Highway Receives Praise, Some Complaints

OROTINA – Raúl González remembers when he could see only mango trees from his home in this small town, where he has lived most of his life. The 67-year-old retired bar owner swayed in a rocking chair at his new home on the outskirts of town, recalling the days when a man by the last name of Araya used to chop down the fruits, throw them in a cart and send them to San José on a small, rocky dirt road. “It was mangos, mangos everywhere,” he said.

Now, a four-lane highway cuts through the farm where Araya used to work, fewer than 100 meters in front of Gonzalez’ home. The mango trees are gone, but González doesn’t mind the new view.

“This town has always been a sleepy little place,” he said as he rocked gently in his chair and sipped lukewarm coffee. “But this highway is good. It’s a change, but I think its going to bring us business, open up space for us. People will finally know where Orotina is.”

On Wednesday, the Costa Rican government inaugurated the new 77-kilometer highway from San José to the central Pacific port town of Caldera, a route that passes tiny townships that not even many Costa Ricans knew existed. The opening represents 34 years of planning, estimating, contracting and building.

Inauguration day was accompanied by some roadblocks, but most welcomed the new thruway with open arms.

“We were a country of five-star hotels and one-star highways,” said Costa Rican President Oscar Arias at the highway’s inaugural ceremony. “But with projects like these, our highways and infrastructure will no longer be a national embarrassment.”

The road stretches across bridges built hundreds of feet above rivers in places, and paved lanes rise and descend gently around gradual mountain curves. The new thoroughfare cuts the time of the old San José-Caldera trip in half – from approximately 90 minutes to roughly 45 minutes – and a one-way trip costs four-wheel vehicles ¢1,930 ($3.47).

Not so gradual and gentle, however, are some of the sharp, 90-degree rock walls that line the route where Autopistas del Sol, the Spanish company contracted to build the road, had to slice through mountains to construct the new highway.

While some steep cliffs have been reinforced with concrete to prevent landslides, others had already begun to crumble.

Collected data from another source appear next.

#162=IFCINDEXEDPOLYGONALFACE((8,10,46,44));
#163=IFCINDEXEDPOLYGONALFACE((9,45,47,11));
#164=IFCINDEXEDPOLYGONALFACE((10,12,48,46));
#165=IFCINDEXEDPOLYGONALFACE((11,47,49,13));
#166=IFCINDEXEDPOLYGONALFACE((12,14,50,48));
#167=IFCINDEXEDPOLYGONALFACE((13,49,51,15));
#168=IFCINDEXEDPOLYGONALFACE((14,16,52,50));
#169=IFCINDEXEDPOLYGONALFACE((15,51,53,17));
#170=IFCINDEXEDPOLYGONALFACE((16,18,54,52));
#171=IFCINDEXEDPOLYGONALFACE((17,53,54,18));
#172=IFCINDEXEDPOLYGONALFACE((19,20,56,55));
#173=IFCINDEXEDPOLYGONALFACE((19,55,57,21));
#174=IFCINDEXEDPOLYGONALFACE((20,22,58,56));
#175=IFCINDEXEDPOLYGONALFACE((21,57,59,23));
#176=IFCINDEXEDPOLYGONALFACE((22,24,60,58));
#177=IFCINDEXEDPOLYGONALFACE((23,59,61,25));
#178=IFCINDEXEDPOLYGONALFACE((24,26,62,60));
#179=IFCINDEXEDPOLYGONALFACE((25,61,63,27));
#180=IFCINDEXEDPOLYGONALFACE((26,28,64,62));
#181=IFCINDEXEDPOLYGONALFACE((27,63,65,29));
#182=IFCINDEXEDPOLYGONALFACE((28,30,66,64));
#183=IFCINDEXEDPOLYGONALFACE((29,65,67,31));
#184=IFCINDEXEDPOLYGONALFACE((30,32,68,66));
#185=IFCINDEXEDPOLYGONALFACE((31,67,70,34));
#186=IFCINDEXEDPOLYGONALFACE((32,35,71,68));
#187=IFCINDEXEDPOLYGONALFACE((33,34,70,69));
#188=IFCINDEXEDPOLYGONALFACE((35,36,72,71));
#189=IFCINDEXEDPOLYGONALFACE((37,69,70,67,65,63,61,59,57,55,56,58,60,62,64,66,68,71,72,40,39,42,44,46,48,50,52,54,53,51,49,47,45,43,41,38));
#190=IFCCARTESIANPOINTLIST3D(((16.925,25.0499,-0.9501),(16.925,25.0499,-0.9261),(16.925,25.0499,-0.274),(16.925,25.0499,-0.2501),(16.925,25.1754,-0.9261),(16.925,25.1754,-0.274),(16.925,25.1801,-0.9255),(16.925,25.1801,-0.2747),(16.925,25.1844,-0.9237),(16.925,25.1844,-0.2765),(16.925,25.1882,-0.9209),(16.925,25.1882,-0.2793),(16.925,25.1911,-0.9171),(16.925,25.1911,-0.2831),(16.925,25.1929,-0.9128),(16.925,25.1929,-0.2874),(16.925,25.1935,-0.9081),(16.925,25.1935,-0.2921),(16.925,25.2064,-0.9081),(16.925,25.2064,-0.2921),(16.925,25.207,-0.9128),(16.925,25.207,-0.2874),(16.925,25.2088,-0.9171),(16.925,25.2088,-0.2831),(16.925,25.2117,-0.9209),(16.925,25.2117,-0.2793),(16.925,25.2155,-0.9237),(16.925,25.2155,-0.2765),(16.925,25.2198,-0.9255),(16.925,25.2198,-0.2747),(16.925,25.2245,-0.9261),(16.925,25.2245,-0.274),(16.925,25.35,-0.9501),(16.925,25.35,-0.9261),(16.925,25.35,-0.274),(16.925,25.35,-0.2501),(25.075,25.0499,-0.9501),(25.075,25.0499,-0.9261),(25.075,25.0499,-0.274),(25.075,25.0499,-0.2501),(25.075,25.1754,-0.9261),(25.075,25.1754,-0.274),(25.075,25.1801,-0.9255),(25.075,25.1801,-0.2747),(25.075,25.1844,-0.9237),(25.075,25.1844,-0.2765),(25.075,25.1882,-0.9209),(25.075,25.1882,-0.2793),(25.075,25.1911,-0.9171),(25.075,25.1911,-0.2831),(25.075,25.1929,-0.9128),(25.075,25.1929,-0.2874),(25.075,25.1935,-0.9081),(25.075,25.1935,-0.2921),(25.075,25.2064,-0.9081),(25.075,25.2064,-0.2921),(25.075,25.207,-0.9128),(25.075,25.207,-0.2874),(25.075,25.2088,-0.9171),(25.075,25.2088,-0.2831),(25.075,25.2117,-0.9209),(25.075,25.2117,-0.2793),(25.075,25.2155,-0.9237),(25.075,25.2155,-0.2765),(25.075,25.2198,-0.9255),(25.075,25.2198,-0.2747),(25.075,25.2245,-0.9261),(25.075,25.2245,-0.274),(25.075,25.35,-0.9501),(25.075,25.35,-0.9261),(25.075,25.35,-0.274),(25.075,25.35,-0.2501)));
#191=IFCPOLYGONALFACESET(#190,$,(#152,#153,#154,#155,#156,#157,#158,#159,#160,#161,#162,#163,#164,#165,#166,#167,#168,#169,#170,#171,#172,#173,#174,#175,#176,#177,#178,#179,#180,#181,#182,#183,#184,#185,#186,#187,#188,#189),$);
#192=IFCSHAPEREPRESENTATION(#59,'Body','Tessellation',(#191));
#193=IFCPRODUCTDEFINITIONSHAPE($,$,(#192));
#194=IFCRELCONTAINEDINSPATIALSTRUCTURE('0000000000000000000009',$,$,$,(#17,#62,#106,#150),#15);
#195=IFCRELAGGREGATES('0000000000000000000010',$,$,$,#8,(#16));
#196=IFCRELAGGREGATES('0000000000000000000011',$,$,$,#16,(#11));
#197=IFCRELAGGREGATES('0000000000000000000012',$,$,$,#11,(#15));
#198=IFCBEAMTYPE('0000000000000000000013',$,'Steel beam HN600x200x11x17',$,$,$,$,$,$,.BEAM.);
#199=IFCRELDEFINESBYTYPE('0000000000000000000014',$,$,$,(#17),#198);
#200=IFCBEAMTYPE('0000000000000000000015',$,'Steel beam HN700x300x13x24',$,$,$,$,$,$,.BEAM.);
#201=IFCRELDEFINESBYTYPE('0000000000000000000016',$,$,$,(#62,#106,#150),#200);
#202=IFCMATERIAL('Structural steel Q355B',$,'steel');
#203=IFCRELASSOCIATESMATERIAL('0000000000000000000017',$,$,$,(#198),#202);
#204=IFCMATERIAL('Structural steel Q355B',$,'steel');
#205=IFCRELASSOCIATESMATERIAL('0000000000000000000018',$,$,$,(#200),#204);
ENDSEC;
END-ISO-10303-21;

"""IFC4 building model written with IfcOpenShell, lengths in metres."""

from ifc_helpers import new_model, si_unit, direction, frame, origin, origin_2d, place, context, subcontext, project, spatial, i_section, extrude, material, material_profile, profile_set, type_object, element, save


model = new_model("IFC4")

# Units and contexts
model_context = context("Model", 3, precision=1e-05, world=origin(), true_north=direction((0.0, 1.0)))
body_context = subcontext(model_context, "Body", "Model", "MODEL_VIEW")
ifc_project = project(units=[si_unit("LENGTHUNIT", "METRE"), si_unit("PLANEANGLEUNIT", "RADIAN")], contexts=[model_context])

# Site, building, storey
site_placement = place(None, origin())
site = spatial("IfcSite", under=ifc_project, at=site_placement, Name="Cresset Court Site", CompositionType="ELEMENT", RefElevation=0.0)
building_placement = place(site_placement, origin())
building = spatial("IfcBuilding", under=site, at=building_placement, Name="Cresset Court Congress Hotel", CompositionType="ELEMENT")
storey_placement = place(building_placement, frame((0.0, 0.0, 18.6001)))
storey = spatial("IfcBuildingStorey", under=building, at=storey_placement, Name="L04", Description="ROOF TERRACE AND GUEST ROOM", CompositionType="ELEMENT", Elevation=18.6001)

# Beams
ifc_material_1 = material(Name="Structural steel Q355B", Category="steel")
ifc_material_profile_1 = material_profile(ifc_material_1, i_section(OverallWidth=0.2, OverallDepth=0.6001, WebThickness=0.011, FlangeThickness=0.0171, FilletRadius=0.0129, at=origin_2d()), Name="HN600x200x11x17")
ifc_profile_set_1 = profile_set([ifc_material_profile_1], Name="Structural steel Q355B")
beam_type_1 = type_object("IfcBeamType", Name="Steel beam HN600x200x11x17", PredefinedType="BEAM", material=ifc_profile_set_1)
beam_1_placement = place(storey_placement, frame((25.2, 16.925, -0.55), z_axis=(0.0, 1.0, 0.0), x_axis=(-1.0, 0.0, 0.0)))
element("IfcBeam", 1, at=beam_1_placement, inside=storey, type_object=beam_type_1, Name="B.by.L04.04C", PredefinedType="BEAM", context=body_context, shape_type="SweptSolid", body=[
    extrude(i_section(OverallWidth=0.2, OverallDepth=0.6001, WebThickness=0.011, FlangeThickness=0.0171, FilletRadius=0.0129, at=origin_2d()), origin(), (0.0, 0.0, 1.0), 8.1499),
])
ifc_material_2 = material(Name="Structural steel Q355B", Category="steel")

Strong winds that whip around bends just east of Orotina blew jagged rocks, several larger than softballs, onto the freshly asphalted expressway this week.

The road widens from two lanes to four near major towns along the way, such as Orotina and La Guácima, narrows to three lanes in spots, and then back down to two before it ends in Caldera. Police, ambulance and tow truck hubs are stationed en route, but the shoulder lanes where emergency vehicles would supposedly travel are half the width of a sedan-sized car.

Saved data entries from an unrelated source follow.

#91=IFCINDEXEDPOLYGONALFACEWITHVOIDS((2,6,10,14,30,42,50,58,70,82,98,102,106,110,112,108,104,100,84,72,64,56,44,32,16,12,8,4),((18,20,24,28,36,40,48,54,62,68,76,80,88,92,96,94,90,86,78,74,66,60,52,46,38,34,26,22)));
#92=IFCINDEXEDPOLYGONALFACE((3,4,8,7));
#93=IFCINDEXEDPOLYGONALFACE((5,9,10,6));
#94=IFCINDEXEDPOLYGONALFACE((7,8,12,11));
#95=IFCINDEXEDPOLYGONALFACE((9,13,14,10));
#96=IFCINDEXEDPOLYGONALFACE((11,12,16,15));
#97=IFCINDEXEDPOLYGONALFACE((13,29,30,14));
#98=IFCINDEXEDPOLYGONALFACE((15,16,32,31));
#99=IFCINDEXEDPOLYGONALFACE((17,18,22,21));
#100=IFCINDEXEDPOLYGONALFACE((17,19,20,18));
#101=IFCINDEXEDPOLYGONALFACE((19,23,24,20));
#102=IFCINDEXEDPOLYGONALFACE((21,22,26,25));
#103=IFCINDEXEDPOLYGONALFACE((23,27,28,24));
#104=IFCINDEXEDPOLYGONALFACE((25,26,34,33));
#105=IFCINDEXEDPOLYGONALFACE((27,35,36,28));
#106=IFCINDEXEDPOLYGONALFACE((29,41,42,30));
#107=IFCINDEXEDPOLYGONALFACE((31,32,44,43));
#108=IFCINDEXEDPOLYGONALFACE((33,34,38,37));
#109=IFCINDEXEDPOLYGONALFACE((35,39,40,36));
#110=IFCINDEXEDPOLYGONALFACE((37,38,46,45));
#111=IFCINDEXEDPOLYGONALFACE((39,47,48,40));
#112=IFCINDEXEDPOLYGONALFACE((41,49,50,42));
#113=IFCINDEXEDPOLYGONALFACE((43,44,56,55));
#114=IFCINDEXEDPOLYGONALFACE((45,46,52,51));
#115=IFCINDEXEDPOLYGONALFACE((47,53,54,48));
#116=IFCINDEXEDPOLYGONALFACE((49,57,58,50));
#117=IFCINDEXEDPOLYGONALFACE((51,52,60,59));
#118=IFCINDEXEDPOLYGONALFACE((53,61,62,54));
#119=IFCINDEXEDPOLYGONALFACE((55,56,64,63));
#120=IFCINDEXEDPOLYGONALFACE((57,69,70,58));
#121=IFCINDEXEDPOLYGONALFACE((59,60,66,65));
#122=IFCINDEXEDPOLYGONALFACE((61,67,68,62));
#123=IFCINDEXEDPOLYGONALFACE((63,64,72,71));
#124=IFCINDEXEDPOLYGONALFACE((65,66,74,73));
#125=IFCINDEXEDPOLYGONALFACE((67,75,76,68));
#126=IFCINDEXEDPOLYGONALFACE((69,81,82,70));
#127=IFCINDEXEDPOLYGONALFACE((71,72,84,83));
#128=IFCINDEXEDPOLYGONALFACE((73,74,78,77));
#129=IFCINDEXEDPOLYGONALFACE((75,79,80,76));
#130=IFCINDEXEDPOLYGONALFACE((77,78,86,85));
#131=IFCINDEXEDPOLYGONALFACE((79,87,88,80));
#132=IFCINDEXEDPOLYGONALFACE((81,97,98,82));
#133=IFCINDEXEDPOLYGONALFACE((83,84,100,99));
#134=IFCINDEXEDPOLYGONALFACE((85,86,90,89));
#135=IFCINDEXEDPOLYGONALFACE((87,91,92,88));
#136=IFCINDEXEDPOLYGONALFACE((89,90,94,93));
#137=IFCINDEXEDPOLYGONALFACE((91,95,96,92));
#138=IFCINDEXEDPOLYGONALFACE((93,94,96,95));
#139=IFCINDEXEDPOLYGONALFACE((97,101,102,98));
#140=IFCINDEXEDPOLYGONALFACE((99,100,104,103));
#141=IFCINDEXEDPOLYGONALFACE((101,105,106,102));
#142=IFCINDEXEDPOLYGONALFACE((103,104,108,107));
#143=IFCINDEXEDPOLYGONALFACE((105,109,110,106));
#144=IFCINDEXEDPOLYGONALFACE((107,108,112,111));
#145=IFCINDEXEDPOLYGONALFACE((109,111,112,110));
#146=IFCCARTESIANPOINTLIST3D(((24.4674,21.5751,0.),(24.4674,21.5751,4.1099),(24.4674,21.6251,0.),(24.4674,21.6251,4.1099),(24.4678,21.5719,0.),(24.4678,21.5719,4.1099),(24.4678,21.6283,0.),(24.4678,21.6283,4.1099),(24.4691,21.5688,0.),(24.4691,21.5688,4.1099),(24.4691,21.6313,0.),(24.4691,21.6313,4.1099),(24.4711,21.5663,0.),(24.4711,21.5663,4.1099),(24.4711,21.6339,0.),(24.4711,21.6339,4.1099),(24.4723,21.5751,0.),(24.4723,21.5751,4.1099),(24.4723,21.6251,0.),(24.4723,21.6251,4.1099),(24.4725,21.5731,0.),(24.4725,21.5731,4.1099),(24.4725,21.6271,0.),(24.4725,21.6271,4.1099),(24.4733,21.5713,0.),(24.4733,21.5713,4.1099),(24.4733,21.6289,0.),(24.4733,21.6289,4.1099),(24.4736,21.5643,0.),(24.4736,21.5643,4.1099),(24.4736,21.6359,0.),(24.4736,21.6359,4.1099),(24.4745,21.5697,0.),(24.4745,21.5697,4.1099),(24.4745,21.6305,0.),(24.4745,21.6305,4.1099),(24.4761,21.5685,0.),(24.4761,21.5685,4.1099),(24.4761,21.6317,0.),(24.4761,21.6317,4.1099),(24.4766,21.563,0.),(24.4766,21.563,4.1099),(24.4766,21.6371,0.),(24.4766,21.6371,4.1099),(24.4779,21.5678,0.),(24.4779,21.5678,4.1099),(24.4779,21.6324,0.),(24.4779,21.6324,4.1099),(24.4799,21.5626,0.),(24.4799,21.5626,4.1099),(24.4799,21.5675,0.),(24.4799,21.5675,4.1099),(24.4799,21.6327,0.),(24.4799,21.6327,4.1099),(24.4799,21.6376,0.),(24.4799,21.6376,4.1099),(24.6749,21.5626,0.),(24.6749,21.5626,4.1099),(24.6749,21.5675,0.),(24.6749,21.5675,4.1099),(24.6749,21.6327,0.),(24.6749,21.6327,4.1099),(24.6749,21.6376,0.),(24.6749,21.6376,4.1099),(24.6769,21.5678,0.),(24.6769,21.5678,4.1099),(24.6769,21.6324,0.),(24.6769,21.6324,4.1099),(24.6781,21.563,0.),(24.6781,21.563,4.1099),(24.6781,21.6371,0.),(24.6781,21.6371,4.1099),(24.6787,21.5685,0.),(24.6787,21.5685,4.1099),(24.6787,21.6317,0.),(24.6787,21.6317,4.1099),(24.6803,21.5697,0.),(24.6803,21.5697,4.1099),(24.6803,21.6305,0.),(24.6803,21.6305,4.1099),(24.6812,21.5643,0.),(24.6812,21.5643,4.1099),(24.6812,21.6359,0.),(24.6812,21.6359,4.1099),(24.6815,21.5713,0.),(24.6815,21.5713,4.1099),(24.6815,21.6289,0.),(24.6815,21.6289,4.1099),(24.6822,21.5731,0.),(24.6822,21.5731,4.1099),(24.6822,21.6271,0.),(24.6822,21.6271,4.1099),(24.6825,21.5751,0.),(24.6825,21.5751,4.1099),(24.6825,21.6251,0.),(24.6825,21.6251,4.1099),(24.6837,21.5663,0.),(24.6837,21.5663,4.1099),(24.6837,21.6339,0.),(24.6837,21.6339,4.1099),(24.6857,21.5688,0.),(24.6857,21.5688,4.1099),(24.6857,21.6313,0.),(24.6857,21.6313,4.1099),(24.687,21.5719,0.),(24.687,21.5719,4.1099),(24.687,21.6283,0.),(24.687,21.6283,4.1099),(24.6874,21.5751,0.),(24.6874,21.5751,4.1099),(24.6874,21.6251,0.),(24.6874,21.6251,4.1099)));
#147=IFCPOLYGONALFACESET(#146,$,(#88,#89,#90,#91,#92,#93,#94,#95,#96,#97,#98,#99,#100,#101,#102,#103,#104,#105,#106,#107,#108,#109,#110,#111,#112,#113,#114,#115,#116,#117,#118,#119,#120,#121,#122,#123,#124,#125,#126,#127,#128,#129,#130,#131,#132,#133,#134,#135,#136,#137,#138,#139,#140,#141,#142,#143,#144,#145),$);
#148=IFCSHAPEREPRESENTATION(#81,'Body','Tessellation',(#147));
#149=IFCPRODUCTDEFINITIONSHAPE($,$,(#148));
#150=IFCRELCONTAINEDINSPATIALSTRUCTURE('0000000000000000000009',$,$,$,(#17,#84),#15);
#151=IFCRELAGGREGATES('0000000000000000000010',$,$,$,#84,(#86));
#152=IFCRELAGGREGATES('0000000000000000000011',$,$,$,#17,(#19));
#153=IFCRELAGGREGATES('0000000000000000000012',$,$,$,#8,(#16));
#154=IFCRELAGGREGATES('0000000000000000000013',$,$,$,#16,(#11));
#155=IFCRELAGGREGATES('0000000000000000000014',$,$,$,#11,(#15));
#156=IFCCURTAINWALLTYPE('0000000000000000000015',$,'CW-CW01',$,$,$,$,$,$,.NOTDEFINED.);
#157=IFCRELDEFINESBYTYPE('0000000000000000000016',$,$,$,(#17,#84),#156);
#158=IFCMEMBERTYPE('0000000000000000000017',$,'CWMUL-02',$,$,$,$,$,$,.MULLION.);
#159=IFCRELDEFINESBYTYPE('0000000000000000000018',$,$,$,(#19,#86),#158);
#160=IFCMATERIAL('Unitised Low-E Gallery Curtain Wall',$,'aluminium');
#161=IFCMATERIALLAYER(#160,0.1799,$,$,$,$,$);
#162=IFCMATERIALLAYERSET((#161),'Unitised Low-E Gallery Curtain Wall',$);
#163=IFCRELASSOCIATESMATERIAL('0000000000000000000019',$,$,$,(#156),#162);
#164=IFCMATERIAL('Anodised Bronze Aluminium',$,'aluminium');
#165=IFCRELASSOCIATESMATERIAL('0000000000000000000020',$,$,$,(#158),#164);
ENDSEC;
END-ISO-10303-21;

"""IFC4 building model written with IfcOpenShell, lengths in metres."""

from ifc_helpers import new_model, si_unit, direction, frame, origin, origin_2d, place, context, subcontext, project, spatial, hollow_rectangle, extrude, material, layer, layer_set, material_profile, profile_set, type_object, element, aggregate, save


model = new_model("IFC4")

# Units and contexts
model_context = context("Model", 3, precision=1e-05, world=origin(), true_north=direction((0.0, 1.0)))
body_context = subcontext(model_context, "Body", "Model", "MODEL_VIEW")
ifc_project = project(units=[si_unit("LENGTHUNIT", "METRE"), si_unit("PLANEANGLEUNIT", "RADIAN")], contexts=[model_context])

And as is the case with most Costa Rican infrastructure projects, its christening didn’t come without controversy.

Close to 100 protesters blocked the entire highway near Santa Ana and Ciudad Colón, southwest of San José, holding banners, shouting and refusing to let cars pass.

They claimed the project did not consider neighboring communities’ needs, such as stop lights pedestrian bridges and sidewalks. The residents also were upset about having to pay a toll to enter the expressway.

Another family near Atenas claimed that the government cut off access to the aquifer that supplied them with clean drinking water and slashed their electricity lines to allow for construction of the road through their family farm. They say they have been without both utilities for 10 months.

“This is a public path and they completely cut it off,” said Mario Valverde, 45, who owns the property. He pointed to a stream on the other side of highway, where he now crosses three lanes of high-speed traffic, collects water in buckets and carries it back to his home. The family has presented a complaint with the Constitutional Chamber of the Supreme Court, but has yet to receive a response. But for the majority of those who plan to make use of the new vehicular artery, the completion and inauguration of the San José-Caldera highway comes as long-awaited good news.

“It’s beautiful,” González, the Orotina resident, said as he sat in the shade of his garage and watched from afar as President Arias cut the ribbon. “This will open up great opportunities for Costa Ricans.”